Sounds like a good solution, which will be easy to verify using the steps above (post, then update using WLW).

@xknown
13 years ago

Introduce sanitize_trackback_urls function. I only consider http and https as the protocols that allow trackbacks.

#7 @archon810
13 years ago

Bug #17210 seems to be caused directly by this bug. I've left a comment describing my findings there.

#8 @archon810
13 years ago

17560.first.diff works, except it doesn't alleviate the problem of re-selecting all the same rows every time. Bad data should be cleaned in the posts table after the ping, shouldn't it?

@xknown
13 years ago

Second try. Clean also the urls returned by get_to_ping. Not tested.

#9 @xknown
13 years ago

  • Keywords has-patch needs-testing 2nd-opinion added; needs-patch removed

#10 @archon810
13 years ago

I've confirmed that fixing this bug and #17210 that it causes solved my massive load after each post is published problem that's been getting worse and worse over the past months and made me lose a lot of sleep. Wordpress makes sense again!

#11 @SergeyBiryukov
13 years ago

  • Milestone changed from Future Release to 3.3

#12 @nacin
13 years ago

I like this. It probably has hardening benefits. Perhaps esc_url_raw() could be used in some way?

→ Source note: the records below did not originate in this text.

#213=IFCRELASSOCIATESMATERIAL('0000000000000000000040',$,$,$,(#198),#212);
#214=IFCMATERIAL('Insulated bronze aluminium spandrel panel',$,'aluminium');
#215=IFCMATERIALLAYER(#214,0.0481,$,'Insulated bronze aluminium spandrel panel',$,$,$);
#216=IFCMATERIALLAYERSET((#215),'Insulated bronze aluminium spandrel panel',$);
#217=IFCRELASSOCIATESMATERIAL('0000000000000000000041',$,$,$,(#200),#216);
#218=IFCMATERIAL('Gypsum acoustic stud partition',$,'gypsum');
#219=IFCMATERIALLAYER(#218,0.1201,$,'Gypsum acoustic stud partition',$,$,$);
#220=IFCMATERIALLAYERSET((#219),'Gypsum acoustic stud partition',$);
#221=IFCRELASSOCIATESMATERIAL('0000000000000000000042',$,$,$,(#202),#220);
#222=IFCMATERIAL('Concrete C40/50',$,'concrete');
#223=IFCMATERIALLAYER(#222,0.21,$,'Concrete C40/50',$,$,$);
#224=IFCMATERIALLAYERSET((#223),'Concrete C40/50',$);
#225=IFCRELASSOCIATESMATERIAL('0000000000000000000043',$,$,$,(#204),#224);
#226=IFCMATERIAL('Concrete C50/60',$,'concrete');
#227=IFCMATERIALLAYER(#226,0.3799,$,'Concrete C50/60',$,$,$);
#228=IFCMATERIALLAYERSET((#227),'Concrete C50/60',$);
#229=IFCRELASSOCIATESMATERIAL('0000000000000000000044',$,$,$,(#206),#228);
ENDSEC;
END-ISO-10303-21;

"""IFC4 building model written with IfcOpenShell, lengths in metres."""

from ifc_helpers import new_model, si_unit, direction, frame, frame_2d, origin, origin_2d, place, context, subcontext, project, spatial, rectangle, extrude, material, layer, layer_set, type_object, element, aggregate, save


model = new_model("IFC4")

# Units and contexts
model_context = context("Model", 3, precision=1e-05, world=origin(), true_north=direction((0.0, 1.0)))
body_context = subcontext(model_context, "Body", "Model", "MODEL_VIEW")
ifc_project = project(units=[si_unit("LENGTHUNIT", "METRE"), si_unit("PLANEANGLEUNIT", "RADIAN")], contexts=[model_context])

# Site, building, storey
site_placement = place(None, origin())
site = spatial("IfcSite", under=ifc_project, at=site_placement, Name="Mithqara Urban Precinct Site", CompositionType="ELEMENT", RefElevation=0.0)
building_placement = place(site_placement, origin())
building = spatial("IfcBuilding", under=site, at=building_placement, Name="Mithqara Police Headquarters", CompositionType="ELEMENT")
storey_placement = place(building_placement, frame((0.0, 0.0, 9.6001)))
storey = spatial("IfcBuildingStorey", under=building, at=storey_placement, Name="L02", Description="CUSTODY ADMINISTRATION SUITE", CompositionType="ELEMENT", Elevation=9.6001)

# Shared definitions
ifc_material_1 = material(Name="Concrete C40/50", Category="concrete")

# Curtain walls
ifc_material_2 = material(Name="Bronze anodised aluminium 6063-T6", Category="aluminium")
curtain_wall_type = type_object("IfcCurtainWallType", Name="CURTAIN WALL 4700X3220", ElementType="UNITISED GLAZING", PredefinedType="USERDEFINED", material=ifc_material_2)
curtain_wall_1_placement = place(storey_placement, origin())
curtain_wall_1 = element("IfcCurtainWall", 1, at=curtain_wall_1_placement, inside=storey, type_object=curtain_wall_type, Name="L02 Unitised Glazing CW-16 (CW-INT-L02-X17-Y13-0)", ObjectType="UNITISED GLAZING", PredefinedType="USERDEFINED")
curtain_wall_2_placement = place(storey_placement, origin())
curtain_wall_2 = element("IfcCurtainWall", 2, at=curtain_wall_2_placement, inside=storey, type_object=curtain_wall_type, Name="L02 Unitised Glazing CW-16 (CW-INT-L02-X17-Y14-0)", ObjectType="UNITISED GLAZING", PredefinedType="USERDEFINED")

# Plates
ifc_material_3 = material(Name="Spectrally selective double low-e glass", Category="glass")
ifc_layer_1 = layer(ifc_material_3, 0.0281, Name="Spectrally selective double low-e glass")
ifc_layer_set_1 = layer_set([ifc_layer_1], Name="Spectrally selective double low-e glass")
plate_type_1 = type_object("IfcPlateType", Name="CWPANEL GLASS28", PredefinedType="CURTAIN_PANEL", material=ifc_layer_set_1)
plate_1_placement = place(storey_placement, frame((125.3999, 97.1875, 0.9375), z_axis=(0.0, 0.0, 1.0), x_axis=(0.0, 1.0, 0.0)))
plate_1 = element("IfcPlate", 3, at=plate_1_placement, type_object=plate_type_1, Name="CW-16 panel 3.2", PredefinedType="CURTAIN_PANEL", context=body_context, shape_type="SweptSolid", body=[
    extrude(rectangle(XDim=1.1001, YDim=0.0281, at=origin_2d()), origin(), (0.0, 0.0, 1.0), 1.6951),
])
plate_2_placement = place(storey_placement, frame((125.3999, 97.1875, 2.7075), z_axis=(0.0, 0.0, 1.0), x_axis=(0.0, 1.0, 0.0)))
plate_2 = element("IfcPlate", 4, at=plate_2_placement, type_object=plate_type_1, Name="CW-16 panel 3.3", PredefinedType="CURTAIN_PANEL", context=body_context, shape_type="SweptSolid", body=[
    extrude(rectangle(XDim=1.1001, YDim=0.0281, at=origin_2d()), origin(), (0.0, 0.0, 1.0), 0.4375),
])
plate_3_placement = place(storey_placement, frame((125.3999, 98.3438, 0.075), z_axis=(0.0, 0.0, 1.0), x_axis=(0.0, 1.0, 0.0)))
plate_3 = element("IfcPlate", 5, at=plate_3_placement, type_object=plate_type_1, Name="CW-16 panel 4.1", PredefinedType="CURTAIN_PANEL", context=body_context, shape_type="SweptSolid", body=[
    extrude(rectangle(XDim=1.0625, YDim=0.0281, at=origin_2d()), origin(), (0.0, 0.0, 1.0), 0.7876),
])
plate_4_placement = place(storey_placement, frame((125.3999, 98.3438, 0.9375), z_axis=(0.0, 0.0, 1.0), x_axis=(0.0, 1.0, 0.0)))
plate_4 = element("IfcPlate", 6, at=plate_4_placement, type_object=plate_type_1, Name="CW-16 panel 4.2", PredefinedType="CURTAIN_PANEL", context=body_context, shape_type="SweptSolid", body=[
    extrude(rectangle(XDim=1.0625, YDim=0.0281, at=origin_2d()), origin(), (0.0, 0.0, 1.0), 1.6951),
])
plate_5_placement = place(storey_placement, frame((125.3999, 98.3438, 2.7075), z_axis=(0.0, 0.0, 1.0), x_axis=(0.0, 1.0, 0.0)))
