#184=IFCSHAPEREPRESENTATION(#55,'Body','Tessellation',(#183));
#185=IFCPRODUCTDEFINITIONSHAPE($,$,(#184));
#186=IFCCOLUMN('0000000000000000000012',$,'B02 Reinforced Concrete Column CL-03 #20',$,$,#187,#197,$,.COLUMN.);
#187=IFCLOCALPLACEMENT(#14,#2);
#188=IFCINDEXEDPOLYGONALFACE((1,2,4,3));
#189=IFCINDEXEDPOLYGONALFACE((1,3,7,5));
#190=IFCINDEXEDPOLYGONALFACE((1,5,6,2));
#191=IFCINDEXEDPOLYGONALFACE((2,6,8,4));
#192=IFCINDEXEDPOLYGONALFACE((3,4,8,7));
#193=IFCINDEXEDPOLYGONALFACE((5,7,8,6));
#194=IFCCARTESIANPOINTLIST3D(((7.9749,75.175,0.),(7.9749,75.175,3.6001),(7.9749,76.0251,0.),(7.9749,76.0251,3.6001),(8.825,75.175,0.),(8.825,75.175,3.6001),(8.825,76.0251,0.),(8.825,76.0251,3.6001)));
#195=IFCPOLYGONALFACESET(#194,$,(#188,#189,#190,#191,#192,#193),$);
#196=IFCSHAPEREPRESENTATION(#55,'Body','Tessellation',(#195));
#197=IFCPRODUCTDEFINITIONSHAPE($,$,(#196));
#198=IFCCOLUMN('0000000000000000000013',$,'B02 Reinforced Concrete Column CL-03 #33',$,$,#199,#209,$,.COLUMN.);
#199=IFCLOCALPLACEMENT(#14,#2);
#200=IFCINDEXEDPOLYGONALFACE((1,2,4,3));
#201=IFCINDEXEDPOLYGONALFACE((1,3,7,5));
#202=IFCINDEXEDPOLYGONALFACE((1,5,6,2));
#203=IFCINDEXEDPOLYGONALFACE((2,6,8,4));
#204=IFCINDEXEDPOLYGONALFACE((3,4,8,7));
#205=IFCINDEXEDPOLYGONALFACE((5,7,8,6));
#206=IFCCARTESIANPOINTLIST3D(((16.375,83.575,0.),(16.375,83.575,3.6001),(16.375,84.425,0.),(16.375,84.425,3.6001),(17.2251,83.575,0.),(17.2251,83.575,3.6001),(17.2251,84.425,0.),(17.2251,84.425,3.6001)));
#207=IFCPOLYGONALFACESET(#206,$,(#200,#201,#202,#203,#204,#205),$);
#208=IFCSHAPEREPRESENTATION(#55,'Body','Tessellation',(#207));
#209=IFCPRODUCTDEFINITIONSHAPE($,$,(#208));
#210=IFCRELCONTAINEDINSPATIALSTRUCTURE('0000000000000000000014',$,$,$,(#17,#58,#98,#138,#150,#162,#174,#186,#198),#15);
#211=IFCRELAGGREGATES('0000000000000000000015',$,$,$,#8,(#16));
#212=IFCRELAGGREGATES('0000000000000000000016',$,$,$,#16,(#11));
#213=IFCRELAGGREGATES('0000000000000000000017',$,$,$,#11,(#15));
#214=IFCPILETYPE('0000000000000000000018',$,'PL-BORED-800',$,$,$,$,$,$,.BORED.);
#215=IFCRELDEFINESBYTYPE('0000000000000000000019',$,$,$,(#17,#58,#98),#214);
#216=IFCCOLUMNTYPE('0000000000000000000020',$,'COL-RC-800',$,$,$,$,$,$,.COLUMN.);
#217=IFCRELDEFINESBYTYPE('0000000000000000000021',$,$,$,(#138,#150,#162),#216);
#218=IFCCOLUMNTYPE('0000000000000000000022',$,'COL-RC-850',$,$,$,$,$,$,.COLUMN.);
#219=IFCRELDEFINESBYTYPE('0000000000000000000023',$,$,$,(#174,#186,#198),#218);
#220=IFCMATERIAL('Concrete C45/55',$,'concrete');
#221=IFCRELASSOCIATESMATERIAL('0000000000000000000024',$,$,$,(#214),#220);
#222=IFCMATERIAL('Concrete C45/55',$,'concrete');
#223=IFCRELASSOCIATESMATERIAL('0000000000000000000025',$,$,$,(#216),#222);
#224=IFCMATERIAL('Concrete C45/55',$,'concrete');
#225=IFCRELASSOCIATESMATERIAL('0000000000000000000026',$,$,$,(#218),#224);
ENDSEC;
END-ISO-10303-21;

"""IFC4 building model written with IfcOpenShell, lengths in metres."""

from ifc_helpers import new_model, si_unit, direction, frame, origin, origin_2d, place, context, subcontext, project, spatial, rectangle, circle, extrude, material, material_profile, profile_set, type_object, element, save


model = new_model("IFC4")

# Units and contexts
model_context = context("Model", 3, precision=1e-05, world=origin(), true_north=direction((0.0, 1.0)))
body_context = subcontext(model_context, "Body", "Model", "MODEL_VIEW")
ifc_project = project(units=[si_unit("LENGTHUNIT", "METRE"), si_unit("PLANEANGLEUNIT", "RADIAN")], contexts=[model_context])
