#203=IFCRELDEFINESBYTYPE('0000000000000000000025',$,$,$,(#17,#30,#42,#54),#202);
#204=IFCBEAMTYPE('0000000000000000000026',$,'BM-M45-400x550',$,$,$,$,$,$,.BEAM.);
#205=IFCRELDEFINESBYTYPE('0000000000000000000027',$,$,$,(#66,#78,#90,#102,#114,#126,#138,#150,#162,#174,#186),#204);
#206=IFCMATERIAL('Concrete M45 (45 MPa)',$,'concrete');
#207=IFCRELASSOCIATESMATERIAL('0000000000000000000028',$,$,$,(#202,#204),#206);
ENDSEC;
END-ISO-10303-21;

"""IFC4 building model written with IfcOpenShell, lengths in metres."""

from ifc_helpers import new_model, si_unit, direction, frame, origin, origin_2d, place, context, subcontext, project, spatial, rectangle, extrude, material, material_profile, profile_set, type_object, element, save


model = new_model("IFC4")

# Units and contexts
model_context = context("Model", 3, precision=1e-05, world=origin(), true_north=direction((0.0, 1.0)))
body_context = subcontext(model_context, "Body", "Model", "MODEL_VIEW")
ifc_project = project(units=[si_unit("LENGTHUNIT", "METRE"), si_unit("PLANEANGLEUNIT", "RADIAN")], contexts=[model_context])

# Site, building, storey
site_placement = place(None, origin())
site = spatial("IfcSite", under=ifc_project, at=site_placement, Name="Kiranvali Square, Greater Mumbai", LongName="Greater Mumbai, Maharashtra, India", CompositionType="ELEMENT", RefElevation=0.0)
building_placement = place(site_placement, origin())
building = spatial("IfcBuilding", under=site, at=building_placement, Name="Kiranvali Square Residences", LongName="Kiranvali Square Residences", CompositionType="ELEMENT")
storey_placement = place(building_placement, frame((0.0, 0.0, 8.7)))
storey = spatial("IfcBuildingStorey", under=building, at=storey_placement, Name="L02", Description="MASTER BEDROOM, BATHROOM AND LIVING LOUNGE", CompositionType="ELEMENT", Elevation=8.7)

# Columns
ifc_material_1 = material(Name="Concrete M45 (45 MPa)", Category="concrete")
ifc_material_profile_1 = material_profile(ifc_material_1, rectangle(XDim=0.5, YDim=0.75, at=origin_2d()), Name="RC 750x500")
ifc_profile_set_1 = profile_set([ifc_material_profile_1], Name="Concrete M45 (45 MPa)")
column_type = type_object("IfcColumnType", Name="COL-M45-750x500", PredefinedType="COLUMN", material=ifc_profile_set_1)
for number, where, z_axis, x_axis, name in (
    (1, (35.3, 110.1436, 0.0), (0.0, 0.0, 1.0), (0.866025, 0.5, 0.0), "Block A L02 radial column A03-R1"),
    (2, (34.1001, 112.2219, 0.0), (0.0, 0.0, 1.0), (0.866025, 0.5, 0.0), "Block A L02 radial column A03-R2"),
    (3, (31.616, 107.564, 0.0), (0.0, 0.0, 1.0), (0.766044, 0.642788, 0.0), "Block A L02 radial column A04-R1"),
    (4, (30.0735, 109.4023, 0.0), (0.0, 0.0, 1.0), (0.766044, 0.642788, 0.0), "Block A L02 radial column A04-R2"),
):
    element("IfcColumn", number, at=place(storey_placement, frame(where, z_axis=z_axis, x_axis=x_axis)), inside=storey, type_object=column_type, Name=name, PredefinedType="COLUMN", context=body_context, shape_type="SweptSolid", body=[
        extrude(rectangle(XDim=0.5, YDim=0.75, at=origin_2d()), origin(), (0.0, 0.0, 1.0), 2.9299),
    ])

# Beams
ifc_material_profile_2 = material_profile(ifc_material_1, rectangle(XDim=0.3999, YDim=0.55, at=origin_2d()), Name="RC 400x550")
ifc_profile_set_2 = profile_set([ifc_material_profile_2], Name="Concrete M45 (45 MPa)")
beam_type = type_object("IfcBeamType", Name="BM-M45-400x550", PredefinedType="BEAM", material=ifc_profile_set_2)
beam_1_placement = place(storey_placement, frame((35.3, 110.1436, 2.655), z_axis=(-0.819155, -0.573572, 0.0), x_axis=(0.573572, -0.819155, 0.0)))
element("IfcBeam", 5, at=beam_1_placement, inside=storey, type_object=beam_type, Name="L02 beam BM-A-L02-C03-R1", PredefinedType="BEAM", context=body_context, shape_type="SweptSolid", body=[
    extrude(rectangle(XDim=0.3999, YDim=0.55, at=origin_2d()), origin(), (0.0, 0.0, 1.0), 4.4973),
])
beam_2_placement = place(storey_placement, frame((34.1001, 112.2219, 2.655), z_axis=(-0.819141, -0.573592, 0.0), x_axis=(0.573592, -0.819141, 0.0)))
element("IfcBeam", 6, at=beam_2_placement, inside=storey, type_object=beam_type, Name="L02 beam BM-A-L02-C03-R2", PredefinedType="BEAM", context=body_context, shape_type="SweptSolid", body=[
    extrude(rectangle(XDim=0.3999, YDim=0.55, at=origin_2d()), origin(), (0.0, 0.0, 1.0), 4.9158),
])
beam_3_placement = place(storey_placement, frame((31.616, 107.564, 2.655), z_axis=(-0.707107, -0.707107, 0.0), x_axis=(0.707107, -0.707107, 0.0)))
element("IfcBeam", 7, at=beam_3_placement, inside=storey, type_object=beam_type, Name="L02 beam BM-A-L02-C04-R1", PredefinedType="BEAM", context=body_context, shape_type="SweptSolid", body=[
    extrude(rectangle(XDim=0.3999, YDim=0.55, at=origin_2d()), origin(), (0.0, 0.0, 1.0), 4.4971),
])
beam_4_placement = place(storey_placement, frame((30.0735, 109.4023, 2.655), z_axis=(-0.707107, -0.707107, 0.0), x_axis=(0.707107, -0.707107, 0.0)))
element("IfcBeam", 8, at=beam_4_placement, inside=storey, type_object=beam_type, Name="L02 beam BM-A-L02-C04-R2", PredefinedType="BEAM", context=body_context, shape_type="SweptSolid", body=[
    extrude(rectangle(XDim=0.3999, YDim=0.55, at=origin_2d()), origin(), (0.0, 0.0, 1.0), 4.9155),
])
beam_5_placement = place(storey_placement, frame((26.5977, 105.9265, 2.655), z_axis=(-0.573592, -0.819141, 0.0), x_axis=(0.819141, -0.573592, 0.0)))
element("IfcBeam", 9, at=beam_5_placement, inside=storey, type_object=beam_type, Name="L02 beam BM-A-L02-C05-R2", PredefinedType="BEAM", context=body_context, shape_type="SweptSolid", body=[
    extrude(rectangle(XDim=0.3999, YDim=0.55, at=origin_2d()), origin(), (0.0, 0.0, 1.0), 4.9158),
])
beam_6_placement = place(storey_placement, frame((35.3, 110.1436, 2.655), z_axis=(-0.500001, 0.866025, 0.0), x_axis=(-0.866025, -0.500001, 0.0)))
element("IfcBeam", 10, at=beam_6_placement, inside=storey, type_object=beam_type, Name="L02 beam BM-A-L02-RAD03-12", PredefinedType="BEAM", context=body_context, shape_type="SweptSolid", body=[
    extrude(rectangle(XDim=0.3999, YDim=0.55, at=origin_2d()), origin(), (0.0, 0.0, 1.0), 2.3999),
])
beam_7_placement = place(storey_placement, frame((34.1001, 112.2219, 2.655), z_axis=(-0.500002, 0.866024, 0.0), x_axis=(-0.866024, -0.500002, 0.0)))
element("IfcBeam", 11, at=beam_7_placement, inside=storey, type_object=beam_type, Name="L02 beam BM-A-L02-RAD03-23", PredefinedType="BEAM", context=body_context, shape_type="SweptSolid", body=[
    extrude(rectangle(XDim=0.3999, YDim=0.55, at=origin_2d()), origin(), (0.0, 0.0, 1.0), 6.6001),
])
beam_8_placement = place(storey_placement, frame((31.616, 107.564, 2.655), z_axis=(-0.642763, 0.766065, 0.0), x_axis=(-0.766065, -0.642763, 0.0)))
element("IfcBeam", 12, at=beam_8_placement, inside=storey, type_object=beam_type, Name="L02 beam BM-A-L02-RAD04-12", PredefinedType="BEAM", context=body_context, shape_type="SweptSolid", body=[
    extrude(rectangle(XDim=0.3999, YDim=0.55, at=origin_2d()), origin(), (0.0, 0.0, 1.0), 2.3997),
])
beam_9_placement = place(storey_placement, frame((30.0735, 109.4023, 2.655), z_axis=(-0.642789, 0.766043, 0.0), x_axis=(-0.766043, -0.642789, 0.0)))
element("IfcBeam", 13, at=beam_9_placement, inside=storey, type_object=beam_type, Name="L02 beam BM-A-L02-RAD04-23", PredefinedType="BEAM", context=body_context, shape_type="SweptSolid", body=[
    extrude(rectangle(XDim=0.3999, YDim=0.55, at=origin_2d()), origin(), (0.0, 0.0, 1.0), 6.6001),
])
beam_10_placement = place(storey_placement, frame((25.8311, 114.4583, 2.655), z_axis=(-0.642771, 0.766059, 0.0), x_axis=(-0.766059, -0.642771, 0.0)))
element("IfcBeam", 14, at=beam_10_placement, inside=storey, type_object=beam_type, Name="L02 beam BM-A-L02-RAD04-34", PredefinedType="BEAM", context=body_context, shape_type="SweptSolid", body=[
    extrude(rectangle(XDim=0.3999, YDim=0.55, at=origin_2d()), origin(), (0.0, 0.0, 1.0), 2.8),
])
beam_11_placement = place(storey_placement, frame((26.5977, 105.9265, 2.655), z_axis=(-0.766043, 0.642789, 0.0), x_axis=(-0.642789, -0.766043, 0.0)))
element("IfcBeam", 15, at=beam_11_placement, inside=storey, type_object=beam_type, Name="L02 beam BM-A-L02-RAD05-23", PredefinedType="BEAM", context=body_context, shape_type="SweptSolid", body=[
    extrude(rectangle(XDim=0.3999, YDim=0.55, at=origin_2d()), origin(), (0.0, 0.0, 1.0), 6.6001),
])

We should probably remove the trim(), though, and do that in the function.

#13 @archon810
13 years ago

Will it make it into 3.3? Combined with the wp-cron locking fixes, which are still very much problematic in 3.2, this would make 3.3 the most exciting release I can remember.

#14 @SergeyBiryukov
13 years ago

Refreshed the patch.

#15 @SergeyBiryukov
13 years ago

Need to be careful with \s which can break some UTF-8 characters.

17560.4.diff uses \r\n\t and space.

#16 @SergeyBiryukov
13 years ago

17560.5.diff adds esc_url_raw().

#17 @ryan
13 years ago

  • Keywords early added
  • Milestone changed from 3.3 to Future Release

This looks good, but let's wait until 3.4 early to get more soak time.

#18 @ryan
13 years ago

  • Milestone changed from Future Release to 3.4

#19 @ryan
13 years ago

  • Owner set to ryan
  • Resolution set to fixed
  • Status changed from new to closed

In [19675]:

Introduce sanitize_trackback_urls(). Don't ping bad urls. Don't ping bad urls or save them to the DB. Props xknown, SergeyBiryukov. fixes #17560

Note: See TracTickets for help on using tickets.